# fencing out digging animals



## bobble (Apr 27, 2016)

Hello,
My husband and I recently moved into a new home and we need some help!

I paid a company to remove an animal that was living under my front stoop. The animal is now gone and there hasn't been any activity by the stoop for over two weeks. The company wants to charge me 500$ to put in a fence system to prevent future burrowers. I think I just want to do a "L-Shape" fence myself. 

From my understanding, I dig a 1 ft deep, 1 ft wide trench around my stoop, place steel wire mesh 1 ft out from the porch horizontally and then 1 ft up against the porch vertically. Then I fill it all in with dirt.

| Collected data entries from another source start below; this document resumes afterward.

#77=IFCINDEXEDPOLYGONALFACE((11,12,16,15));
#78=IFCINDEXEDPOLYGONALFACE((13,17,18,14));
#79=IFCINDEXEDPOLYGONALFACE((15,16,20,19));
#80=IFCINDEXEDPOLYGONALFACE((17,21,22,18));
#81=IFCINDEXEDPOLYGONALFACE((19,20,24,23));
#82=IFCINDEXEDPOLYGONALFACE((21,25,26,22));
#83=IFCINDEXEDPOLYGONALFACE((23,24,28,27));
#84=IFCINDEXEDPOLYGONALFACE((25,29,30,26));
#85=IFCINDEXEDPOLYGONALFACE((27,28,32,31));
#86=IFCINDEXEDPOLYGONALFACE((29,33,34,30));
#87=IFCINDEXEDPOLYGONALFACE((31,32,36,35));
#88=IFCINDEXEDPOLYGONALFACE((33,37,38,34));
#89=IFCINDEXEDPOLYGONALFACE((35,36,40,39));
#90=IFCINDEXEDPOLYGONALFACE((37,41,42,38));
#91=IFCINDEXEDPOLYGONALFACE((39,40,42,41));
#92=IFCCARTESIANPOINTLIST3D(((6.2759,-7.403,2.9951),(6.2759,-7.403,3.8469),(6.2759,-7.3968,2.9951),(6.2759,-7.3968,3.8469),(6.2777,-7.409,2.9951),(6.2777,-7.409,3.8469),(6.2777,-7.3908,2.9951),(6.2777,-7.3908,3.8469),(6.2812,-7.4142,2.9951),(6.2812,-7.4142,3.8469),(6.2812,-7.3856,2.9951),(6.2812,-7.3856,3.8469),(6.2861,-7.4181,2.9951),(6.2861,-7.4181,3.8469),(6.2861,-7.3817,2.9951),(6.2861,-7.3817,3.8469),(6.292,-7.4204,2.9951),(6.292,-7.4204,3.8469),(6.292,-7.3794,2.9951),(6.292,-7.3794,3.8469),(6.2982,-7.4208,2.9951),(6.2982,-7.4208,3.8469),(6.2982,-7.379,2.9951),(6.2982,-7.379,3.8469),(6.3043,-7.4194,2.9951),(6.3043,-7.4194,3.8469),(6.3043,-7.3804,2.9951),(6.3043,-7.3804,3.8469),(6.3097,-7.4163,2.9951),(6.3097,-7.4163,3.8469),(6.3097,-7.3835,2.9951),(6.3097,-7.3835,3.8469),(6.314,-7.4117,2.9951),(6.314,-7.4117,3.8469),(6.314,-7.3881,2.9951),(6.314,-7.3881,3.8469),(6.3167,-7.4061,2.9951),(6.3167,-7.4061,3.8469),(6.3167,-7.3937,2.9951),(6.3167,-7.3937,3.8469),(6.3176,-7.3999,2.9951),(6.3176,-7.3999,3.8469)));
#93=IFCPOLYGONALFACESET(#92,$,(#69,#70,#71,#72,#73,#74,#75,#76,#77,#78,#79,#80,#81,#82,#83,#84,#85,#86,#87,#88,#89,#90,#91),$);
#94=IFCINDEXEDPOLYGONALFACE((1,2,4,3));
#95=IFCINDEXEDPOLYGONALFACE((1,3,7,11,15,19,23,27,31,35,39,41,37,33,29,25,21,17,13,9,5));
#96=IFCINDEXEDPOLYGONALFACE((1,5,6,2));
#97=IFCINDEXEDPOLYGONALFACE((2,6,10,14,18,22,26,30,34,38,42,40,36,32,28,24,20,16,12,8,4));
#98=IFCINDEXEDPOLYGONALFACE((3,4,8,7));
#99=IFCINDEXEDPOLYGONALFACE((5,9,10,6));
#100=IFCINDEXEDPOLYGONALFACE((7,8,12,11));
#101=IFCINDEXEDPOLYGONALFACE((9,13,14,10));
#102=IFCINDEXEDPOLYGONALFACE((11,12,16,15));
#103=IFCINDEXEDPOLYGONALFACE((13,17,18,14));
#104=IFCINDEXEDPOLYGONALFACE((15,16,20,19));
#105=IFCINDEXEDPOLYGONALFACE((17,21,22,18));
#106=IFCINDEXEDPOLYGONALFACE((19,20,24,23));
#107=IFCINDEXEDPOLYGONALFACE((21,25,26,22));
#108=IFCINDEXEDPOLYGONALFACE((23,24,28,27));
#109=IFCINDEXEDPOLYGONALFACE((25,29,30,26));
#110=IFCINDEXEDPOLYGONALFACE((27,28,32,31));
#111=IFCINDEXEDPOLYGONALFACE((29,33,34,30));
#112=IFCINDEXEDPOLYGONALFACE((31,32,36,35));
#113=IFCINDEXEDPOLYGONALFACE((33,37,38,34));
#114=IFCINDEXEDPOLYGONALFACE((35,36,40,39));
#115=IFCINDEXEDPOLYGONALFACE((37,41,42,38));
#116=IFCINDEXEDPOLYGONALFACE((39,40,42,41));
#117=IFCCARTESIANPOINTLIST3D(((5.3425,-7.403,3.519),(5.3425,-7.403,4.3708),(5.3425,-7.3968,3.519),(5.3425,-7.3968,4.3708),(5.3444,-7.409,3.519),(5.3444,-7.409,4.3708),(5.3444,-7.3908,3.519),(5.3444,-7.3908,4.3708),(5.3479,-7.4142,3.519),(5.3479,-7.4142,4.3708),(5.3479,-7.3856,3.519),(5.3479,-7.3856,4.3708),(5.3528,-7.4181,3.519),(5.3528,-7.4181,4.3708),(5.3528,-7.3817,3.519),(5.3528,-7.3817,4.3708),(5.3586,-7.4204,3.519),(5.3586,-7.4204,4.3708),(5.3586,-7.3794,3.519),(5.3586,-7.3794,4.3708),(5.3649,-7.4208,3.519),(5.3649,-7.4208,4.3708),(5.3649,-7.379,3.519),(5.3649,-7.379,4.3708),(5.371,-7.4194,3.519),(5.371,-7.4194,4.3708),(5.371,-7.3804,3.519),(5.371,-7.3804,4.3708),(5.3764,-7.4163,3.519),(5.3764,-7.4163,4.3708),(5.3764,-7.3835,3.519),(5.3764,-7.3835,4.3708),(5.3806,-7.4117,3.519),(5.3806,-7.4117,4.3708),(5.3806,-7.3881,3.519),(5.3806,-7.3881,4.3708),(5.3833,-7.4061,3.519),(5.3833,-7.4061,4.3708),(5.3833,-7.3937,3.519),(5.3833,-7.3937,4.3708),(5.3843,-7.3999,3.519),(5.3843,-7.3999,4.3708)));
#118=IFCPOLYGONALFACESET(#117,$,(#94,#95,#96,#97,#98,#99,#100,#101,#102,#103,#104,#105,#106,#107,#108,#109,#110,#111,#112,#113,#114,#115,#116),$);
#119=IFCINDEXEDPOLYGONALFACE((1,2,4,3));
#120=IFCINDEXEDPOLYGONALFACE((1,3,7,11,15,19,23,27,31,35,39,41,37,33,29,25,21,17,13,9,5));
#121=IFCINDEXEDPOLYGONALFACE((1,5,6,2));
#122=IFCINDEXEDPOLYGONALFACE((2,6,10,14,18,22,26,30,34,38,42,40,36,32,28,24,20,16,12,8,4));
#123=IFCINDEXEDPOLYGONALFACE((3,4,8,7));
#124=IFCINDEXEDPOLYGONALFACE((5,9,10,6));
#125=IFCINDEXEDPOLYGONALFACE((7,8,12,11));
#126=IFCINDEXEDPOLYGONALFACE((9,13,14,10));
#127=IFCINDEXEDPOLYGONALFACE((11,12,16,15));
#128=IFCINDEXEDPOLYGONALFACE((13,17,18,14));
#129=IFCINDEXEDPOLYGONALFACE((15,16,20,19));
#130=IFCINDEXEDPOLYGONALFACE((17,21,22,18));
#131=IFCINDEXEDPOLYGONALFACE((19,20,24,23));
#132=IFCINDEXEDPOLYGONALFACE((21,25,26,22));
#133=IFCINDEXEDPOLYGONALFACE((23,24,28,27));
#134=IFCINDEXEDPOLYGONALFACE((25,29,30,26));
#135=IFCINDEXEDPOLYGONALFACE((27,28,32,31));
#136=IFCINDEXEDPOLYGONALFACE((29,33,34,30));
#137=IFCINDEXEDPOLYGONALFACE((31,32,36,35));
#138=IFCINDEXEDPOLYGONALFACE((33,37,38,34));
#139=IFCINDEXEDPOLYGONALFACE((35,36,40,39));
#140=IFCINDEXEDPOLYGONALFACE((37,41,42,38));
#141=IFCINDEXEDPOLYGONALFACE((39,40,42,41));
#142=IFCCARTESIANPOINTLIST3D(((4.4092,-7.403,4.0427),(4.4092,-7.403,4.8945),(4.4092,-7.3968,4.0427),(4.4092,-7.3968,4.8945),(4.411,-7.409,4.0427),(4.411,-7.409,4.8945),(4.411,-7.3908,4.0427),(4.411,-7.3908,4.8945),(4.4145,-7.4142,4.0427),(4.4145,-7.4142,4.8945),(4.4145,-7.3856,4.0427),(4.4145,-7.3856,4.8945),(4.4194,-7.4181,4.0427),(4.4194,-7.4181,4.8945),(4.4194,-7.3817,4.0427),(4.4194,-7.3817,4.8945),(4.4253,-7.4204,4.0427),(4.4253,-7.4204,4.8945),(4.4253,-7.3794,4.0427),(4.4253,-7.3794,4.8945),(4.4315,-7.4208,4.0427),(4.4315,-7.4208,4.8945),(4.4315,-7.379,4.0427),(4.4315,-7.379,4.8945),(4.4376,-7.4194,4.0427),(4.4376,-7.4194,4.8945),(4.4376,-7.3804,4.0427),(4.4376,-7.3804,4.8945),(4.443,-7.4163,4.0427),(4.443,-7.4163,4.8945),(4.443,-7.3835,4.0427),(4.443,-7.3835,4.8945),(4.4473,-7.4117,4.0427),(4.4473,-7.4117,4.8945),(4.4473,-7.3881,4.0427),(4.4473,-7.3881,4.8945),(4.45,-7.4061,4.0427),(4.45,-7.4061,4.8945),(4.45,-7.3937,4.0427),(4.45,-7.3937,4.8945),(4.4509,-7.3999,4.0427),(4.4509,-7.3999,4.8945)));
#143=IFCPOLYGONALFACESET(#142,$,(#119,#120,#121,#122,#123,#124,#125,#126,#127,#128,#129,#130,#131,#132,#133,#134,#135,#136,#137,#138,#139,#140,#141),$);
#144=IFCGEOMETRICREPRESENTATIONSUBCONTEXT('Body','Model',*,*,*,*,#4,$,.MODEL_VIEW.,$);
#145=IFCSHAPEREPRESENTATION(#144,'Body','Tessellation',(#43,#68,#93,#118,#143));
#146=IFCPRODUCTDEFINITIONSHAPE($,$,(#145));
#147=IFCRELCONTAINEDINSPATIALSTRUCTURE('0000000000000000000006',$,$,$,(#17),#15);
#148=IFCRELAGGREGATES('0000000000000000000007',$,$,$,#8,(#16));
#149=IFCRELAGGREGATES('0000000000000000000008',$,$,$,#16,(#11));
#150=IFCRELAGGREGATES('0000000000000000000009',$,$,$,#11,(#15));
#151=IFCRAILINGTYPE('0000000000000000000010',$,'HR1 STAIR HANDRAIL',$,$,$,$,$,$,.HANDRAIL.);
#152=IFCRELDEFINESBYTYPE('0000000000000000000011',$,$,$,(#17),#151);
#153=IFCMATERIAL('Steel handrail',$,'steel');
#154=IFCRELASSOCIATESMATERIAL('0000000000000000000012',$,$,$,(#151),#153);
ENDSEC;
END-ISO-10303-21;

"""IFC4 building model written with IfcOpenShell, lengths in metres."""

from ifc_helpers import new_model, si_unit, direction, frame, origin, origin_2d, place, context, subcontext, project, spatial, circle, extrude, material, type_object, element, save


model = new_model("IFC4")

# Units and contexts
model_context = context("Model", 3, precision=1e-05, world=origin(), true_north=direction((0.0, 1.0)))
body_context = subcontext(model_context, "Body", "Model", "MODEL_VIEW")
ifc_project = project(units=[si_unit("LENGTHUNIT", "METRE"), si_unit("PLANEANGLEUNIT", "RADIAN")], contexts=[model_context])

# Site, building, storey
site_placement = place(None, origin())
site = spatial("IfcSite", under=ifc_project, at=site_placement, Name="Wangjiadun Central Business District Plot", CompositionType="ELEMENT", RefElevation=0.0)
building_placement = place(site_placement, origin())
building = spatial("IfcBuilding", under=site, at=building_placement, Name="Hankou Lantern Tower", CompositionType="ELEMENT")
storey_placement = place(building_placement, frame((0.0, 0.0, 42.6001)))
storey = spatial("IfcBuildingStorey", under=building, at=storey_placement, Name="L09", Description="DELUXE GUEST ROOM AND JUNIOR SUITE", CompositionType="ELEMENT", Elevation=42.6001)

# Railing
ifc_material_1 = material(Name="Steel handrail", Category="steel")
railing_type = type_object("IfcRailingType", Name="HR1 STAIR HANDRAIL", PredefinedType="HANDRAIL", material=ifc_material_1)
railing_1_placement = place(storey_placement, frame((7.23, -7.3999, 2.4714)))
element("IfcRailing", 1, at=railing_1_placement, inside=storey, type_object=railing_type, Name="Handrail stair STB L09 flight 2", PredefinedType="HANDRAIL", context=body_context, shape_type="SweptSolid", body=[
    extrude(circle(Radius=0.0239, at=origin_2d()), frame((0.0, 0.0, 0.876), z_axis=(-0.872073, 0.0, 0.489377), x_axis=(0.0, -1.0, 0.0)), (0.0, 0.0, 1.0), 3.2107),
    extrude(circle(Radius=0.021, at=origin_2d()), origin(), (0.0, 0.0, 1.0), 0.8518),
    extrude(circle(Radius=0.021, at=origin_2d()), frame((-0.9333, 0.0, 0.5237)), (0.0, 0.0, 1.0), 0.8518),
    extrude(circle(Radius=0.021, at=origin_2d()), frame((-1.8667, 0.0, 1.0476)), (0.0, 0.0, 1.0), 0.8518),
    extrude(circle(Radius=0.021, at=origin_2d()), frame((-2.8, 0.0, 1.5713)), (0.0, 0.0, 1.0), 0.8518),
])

I was going to buy 1" x 1" wire mesh fencing. What I don't know is how to attach the fencing to my concrete porch. I don't like the idea of drilling into the concrete or trying to pound nails into it.... Also...do I need some kind of poles/rods/posts or something to hold the fencing in place underground or is the weight of the dirt enough? Do I need to actually attach the wire fencing to my concrete porch or can I just bury it with a little bit sticking up and then cover it with dirt/plants? Does anyone have any other resources of sites that can show me what to do? I am not sure what search terms/phrases will give me the best results on youtube and google.

Thanks so much for any help or advice!!!

-bobble

(the forum won't let me post images/links even though I already made one other post. I wanted to share a youtube video I watched and also a picture of my porch. Maybe I can do that in a reply, but I don't want to "double post")


----------



## joecaption (Nov 30, 2011)

Need those pictures.
No way would I pay anyone $500.00 to do anything.


----------



## joecaption (Nov 30, 2011)

Need those pictures.
No way would I pay anyone $500.00 to do anything.


----------



## bobble (Apr 27, 2016)

Ok, let's try this again.

This is the side that gave me the idea for the "L Fence". I wonder if there are other fencing/preventative things I should be doing instead. This seems like it would be fine?
http://www.humanesociety.org/animal...s_fence.html?referrer=https://www.google.com/

I watched this youtube video. It seems simple enough, I just don't know if I have to attach the wire mesh to the concrete somehow or if I need to reinforce the fence underground or at the corners with posts of some kind...






Here's my porch:
http://s112.photobucket.com/user/delofter/media/IMAG0103_zps9ynzowbm.jpg.html

It's pouring outside so I couldn't take a better picture. Maybe I can tomorrow.

Thanks!


----------



## de-nagorg (Feb 23, 2014)

Post a time or two in the introductions section, this will get your post count up, and also introduce yourself with any information about yourself that you are comfortable sharing.

Then post pictures of your project.

At $ 500.00, that better be gold wire fencing.

ED
PS
Ok, you got a photo while I was suggesting more posts, good.

You do need to anchor the mesh to the stoop itself, because the critter could easily pull it away far enough to gain access.

Maybe a ramset gun, or some construction adhesive, or even some big rocks to keep the wire from being pulled away from the stoop.


----------



## oh'mike (Sep 18, 2009)

If it is a concrete stoop--dig down a foot or so and pour concrete---or dry set the entire bag and then back fill and water the area, 
The concrete will set inside the bag---Just offering a simple solution--


----------